To this day, international research is divided on the apocalyptic expectations around the year 1000.
It is hard to deny that contemporaries were preoccupied with the prospect of the end of the world, as they were often reminded of it by the careful reading of the Bible, as well as by the classics of medieval historiography and ecclesiastical literature. It was clear from the monarch’s mirrors and manuals that he was responsible for the spiritual salvation of his subjects, too, and that he had a special responsibility to prepare for the Last Judgement. Rulers had a flair for commemorating turning points in Christian history and, at the same time, in the history of salvation, and Otto III was no different either. Based on the written sources and relics concerning the Emperor, it is a fair assumption that the process of conversion and church organisation in Central Europe was a conscious effort on his part. Against this background, the figure of a Christian ruler preparing the world for the new millennium can be discerned, even if at the time there was perhaps no talk of a doomsday paranoia. In any case, it was no coincidence that Otto himself wore a robe decorated with images of the apocalypse at his imperial coronation in 996. Part of the preparation of the world was the expansion of the Church’s influence, which Christian writers considered the greatest merit of the emperors. Otto’s words to the Romans may refer to the same: ‘I led you into remote parts of my empire in which your fathers, when they ruled the world, never set foot, that I might spread your name and glory to the ends of the earth.’[5]

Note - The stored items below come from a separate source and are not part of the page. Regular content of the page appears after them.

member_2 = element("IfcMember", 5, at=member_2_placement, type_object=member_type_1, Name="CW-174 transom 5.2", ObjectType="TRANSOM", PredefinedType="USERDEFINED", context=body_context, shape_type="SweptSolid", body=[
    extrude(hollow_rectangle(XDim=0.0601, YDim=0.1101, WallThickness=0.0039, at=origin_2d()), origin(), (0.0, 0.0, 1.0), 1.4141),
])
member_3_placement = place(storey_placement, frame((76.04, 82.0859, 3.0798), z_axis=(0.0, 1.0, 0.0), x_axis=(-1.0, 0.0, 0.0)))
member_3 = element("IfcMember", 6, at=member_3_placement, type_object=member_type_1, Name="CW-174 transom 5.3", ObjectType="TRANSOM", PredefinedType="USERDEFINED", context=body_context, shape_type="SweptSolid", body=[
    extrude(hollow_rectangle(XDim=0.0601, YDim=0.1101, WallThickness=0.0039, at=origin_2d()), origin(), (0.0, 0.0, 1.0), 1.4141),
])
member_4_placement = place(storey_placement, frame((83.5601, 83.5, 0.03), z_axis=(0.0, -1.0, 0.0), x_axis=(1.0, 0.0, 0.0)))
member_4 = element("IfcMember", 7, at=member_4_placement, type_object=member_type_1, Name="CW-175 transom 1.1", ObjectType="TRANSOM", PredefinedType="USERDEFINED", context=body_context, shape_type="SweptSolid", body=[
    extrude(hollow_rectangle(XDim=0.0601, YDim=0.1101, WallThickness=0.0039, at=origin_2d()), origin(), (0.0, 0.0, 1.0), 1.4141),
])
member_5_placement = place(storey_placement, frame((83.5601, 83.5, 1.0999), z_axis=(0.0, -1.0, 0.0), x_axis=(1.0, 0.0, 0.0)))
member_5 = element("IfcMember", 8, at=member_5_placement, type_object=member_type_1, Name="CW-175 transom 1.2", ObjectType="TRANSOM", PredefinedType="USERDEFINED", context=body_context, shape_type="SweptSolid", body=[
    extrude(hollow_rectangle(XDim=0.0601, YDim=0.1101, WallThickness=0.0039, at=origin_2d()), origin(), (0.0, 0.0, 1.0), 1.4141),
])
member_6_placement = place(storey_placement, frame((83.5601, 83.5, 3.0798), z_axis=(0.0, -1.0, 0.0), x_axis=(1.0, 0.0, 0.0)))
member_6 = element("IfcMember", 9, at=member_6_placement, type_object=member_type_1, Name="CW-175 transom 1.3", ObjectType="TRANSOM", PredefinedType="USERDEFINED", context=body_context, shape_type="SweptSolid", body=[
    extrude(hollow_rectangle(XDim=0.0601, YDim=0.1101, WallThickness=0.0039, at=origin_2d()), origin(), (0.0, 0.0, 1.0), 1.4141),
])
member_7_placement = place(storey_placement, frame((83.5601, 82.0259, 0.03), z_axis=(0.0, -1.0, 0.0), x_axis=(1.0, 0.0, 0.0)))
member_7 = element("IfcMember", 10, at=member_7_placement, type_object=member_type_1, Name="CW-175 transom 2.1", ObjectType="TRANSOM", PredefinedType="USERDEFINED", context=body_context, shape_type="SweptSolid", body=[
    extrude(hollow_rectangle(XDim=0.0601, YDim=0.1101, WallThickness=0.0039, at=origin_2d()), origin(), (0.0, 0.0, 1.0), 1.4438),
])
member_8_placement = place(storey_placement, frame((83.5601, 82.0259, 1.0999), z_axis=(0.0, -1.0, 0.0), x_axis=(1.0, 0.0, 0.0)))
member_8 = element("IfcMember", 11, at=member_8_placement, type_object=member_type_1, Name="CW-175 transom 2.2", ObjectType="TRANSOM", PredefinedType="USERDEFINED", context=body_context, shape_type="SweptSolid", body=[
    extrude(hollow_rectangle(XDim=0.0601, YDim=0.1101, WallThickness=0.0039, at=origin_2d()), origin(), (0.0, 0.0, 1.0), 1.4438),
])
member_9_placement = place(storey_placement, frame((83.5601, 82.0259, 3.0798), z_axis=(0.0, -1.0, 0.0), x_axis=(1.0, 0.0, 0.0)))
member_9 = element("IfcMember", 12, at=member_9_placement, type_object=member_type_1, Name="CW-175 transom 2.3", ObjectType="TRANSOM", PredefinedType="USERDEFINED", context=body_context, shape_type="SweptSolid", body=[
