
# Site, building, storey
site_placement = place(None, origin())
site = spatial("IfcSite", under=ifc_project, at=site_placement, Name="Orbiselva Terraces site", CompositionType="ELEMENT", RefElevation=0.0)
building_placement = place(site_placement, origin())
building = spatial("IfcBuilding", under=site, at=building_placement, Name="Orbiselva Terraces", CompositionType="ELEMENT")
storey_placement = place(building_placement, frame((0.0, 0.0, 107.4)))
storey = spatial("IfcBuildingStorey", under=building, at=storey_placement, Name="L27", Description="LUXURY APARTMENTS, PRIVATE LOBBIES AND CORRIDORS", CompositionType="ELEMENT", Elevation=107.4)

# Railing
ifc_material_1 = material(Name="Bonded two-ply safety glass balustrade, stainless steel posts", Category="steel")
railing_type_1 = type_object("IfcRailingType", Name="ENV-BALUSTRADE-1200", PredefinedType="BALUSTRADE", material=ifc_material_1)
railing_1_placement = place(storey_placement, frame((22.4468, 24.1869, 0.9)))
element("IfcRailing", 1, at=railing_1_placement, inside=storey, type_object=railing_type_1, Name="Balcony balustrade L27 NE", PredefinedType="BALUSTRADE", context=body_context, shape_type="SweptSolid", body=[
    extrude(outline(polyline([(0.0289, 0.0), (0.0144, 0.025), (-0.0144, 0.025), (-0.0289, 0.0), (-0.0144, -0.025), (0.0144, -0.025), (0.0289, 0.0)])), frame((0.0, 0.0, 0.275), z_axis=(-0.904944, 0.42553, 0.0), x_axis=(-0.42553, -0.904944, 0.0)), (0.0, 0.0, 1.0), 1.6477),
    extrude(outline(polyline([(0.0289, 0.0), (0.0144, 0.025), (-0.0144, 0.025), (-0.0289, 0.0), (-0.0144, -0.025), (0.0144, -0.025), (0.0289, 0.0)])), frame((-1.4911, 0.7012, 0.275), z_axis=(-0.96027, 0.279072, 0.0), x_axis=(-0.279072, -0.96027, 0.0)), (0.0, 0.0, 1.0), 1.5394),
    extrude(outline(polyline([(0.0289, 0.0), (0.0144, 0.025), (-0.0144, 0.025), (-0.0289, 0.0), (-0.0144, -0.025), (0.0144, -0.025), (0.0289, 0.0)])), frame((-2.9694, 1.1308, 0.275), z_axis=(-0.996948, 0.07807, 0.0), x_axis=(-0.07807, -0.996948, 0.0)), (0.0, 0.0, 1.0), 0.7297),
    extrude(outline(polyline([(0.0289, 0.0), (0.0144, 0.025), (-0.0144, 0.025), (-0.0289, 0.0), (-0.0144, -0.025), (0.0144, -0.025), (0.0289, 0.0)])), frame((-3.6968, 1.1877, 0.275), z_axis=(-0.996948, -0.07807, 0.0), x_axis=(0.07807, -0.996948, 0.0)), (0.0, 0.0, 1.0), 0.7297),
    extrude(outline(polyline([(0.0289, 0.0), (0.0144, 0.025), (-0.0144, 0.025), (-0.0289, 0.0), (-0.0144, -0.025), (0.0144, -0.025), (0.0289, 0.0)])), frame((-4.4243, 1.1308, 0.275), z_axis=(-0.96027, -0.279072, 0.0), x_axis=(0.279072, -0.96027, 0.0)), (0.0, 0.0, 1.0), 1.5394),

The papal–imperial cooperation for the renewal of what is now called Central Europe is a unique example of this idea, linking Hungarian and Polish events with the renewal of the Roman Empire. The years around 1000 can be seen as an exceptional period of grace, which was followed by a period of German–Polish and then German–Hungarian wars. If we take the Emperor’s plans seriously, it is very likely that the Hungarian Monarch was already presented with the royal insignia and a copy of the Holy Lance in the same year as the Congress of Gniezno, which was followed, as most people now believe, by the coronation in the same year or a year later.[6]
[1] Gesta principum Polonorum: The Deeds of the Princes of the Poles, transl. by Paul W. Knoll and Frank Schaer. New York, Budapest, 2003, p. 37.

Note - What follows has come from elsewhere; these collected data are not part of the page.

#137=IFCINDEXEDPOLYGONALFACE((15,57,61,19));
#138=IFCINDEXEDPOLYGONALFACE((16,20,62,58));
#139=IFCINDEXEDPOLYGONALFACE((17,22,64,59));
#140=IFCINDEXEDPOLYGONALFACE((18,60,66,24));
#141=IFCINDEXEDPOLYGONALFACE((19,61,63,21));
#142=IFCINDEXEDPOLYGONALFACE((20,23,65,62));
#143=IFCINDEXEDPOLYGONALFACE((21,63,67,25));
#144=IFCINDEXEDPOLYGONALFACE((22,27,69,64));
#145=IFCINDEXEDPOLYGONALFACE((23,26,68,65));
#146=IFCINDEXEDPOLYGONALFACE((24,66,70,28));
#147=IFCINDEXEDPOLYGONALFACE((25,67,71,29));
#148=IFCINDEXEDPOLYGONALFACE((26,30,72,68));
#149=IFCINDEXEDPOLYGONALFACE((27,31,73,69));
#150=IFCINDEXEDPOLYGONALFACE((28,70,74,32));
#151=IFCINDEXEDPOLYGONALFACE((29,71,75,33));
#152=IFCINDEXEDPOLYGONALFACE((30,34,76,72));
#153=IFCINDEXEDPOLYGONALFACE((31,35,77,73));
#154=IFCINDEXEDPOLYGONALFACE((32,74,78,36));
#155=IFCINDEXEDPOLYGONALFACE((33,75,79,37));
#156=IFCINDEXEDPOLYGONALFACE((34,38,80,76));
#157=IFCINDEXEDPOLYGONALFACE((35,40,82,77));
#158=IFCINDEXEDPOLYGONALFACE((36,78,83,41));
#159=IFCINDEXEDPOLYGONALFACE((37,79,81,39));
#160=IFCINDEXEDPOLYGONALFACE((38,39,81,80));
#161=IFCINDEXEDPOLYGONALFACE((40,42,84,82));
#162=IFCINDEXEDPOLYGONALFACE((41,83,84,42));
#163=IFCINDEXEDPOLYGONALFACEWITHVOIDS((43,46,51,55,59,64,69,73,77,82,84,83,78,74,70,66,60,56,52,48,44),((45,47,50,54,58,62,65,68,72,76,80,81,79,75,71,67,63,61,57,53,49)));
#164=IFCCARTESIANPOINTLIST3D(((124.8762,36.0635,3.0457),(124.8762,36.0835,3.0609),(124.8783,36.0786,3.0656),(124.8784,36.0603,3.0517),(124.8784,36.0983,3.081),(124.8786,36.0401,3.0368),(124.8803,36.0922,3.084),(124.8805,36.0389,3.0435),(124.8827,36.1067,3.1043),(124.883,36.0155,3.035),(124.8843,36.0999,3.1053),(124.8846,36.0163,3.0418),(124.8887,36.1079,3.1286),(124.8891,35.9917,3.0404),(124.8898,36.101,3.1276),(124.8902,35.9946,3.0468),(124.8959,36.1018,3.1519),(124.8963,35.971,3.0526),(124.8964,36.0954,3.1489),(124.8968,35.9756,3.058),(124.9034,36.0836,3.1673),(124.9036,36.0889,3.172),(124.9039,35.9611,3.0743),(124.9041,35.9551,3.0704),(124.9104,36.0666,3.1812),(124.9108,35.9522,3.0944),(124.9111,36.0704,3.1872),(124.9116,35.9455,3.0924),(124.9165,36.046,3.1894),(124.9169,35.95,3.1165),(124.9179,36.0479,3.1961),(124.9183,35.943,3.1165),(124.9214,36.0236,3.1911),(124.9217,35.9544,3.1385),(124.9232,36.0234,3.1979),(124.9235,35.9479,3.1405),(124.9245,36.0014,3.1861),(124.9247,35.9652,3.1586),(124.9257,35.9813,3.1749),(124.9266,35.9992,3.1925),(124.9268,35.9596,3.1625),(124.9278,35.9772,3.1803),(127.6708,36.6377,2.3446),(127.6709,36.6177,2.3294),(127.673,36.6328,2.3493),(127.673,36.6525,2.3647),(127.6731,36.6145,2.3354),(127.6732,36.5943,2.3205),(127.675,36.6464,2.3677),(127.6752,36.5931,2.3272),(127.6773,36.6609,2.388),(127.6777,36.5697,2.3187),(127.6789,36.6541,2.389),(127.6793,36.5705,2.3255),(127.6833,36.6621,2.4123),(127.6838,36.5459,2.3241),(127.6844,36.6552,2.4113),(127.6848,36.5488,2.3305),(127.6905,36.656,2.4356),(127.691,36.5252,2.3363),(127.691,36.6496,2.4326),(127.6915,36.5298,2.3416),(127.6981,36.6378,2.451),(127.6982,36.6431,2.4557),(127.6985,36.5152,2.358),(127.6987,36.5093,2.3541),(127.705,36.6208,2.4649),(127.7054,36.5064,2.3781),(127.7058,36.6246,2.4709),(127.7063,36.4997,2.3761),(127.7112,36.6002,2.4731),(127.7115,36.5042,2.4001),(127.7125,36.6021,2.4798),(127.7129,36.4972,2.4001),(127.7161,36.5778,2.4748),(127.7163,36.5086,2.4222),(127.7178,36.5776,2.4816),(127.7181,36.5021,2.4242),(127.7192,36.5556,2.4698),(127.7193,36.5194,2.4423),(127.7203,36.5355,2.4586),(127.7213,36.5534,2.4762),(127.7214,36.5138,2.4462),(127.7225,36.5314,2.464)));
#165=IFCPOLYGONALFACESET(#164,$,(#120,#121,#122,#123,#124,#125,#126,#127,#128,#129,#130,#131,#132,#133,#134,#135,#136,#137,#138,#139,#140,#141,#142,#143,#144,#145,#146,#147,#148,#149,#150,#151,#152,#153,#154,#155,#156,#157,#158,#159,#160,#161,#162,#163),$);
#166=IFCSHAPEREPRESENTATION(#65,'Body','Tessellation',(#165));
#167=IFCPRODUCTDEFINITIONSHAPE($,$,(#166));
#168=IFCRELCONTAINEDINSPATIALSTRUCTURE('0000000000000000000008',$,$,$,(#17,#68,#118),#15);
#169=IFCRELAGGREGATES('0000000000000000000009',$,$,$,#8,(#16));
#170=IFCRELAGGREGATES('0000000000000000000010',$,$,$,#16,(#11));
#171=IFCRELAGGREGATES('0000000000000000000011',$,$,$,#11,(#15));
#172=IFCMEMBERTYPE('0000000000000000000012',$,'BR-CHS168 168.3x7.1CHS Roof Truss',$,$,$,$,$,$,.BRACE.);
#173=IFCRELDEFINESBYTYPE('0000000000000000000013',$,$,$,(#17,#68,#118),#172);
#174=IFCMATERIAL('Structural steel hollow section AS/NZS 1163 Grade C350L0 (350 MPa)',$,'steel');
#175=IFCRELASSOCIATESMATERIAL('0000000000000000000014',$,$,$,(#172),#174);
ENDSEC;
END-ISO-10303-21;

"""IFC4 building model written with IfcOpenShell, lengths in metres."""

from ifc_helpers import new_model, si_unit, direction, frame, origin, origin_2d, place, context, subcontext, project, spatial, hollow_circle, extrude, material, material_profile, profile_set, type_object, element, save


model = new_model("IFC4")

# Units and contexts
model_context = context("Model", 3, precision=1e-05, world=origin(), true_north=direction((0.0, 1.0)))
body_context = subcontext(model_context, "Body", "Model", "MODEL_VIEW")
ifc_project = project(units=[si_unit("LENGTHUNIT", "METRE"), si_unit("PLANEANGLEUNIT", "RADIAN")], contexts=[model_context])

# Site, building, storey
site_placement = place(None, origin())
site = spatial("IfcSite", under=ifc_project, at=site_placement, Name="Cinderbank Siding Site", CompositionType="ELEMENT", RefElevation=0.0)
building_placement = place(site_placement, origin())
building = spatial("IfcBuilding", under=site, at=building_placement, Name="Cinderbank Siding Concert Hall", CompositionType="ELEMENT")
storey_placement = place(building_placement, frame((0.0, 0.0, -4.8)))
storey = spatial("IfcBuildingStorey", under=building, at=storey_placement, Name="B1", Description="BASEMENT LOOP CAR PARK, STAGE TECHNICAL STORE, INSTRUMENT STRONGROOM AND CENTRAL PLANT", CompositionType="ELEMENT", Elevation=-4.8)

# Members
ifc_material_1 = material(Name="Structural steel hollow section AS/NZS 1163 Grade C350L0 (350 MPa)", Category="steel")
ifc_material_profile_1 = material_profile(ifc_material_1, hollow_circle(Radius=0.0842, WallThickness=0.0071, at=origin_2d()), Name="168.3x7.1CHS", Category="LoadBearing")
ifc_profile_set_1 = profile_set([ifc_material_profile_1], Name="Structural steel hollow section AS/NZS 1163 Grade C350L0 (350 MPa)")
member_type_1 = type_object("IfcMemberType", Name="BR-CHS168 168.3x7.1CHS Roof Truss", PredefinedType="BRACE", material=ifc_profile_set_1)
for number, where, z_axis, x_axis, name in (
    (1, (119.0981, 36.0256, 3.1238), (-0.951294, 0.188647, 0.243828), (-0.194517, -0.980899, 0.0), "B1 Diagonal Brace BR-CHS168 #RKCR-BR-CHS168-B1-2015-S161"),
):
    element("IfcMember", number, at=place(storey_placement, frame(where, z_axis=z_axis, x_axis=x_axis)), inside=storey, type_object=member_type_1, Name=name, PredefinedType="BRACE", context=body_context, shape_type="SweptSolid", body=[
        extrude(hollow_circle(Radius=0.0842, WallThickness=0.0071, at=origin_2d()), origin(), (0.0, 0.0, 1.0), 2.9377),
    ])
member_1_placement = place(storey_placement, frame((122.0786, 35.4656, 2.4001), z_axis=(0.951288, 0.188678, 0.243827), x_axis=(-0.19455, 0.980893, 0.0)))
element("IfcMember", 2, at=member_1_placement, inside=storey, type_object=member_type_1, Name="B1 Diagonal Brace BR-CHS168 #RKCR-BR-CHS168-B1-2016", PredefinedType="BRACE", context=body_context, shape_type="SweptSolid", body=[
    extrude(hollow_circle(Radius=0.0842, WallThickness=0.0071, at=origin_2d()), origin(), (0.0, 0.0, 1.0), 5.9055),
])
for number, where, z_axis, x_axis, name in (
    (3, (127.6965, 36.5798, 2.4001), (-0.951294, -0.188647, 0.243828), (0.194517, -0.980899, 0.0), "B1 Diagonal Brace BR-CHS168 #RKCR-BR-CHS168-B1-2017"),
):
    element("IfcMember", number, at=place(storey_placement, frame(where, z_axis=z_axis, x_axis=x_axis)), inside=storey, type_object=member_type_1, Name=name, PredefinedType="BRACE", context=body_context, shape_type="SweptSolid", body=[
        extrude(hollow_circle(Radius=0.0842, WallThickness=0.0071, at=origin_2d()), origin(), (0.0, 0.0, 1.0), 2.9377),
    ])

[2] Anthony F. Czajkowski, ‘The Congress of Gniezno in the Year 1000’, Speculum, Vol. 24, No. 3 (July 1949), pp. 339–356.; Roman Michałowski, The Gniezno Summit: the Religious Premises of the Founding of the Archbishopric of Gniezno, Leiden, 2016.
[3] Pál Engel, Realm of St. Stephen: A History of Medieval Hungary, 895-1526, London, 2001, p. 30.; György Györffy, King Saint Stephen of Hungary, New York, 1994, pp. 96–98.

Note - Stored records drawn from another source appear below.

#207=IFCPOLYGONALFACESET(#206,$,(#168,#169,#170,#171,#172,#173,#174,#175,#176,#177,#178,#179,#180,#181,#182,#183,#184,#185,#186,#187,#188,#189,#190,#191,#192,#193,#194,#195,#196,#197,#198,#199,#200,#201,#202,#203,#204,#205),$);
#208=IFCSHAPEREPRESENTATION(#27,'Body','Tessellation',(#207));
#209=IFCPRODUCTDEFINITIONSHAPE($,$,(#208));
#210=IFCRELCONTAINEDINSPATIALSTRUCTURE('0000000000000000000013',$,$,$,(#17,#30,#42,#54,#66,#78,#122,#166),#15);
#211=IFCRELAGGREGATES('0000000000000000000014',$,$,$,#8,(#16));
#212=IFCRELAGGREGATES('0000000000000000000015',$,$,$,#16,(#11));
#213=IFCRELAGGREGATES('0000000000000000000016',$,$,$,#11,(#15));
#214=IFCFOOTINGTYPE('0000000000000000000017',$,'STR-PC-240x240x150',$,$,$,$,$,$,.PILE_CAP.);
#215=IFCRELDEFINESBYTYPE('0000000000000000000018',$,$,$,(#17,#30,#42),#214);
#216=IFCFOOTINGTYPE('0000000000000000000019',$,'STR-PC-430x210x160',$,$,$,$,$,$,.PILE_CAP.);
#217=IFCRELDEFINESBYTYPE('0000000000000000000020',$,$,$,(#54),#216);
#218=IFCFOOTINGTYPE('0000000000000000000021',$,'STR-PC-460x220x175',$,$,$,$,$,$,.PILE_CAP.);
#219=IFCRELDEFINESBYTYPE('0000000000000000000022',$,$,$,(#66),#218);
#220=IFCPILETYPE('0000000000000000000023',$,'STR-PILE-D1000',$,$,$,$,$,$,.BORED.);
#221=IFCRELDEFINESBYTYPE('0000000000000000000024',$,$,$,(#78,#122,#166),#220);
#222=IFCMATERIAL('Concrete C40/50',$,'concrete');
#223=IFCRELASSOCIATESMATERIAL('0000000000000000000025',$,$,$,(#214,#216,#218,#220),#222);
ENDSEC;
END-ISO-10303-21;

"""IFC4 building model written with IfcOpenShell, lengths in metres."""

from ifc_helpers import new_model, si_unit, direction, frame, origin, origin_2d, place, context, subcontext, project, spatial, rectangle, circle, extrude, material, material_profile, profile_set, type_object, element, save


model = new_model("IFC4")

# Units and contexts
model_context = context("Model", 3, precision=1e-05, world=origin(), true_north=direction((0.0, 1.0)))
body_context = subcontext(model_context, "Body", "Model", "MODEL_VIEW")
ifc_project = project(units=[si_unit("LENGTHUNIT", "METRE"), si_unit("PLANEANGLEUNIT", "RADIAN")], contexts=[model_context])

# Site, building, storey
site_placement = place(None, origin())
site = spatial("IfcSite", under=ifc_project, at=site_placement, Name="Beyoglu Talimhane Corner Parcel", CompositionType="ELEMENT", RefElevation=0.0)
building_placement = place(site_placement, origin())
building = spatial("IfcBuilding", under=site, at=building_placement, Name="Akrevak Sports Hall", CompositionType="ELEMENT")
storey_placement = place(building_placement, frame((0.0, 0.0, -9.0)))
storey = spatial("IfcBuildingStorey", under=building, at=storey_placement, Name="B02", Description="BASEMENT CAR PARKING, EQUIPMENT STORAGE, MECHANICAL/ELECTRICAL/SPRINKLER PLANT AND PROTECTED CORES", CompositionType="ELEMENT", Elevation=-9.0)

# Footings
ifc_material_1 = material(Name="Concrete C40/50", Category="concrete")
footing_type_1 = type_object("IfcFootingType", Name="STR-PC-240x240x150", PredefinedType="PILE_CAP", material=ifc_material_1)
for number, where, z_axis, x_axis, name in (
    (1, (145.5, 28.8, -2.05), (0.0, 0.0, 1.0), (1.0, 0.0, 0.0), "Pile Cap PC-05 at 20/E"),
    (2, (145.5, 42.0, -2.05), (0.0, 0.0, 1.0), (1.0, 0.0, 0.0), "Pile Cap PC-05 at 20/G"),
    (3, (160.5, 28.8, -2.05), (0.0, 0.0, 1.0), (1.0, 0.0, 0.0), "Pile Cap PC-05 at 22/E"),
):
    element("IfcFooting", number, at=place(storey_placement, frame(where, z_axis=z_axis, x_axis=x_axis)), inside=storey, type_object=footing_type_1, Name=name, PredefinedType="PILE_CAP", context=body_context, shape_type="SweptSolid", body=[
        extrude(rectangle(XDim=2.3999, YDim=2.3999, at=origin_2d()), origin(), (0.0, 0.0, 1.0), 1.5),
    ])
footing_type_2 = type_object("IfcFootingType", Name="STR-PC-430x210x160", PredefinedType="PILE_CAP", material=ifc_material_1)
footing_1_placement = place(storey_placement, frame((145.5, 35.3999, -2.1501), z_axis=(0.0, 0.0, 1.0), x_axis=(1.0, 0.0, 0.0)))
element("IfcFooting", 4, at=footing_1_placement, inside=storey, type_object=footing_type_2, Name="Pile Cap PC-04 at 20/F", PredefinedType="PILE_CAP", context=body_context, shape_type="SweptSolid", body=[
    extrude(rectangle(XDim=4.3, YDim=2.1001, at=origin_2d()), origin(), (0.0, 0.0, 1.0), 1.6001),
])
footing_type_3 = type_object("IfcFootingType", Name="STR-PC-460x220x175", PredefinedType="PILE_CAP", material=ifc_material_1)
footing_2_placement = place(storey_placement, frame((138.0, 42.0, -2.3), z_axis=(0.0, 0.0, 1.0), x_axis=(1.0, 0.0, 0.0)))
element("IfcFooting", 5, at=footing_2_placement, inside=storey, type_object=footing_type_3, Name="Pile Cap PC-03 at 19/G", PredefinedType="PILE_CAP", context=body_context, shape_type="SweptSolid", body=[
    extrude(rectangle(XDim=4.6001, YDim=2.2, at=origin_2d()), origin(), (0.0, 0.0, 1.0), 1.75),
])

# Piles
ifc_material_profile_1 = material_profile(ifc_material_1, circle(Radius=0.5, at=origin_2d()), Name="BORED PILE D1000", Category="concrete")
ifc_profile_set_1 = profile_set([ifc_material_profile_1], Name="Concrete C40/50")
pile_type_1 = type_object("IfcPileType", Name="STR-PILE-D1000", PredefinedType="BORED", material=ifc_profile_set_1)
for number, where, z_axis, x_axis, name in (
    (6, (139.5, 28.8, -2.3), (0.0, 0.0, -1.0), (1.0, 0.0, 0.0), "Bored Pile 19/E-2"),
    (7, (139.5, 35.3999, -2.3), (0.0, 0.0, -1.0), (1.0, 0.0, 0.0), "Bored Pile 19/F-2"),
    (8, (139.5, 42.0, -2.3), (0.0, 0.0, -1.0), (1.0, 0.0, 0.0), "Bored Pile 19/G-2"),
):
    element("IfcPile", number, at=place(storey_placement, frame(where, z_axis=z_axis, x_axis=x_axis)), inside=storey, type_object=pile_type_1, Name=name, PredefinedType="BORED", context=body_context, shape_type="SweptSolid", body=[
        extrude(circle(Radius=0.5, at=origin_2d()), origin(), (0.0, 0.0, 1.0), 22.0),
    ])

[4] ‘Life of King St. Stephen written by Bishop Hartvic’, transl. by Nora Berend and Cristian Gaşpar, in Gábor Klaniczay, Ildikó Csepregi, and Bence Péterfi (eds.), The Sanctity of the Leaders. Holy Kings, Princes, Bishops and Abbots from Central Europe (11th to 13th Centuries), Budapest, New York, 2023, pp. 127–131.
[5] Benjamin Arnold, ‘Eschatological Imagination and the Program of Roman Imperial and Ecclesiastical Renewal at the End of the Tenth Century’, in Richard Landes, Andrew Gow, and David C. Van Meter (eds.), The Apocalyptic Year 1000: Religious Expectation and Social Change, 950-1050, New York, 2003, p. 279.
[6] Wolfgang Huschner, Transalpine Kommunikation im Mittelalter. Diplomatische, kulturelle und politische Wechselwirkungen zwischen Italien und dem nordalpinen Reich (9.-11. Jahrhundert), Hannover, 2003, Vol. 1, pp. 404–418.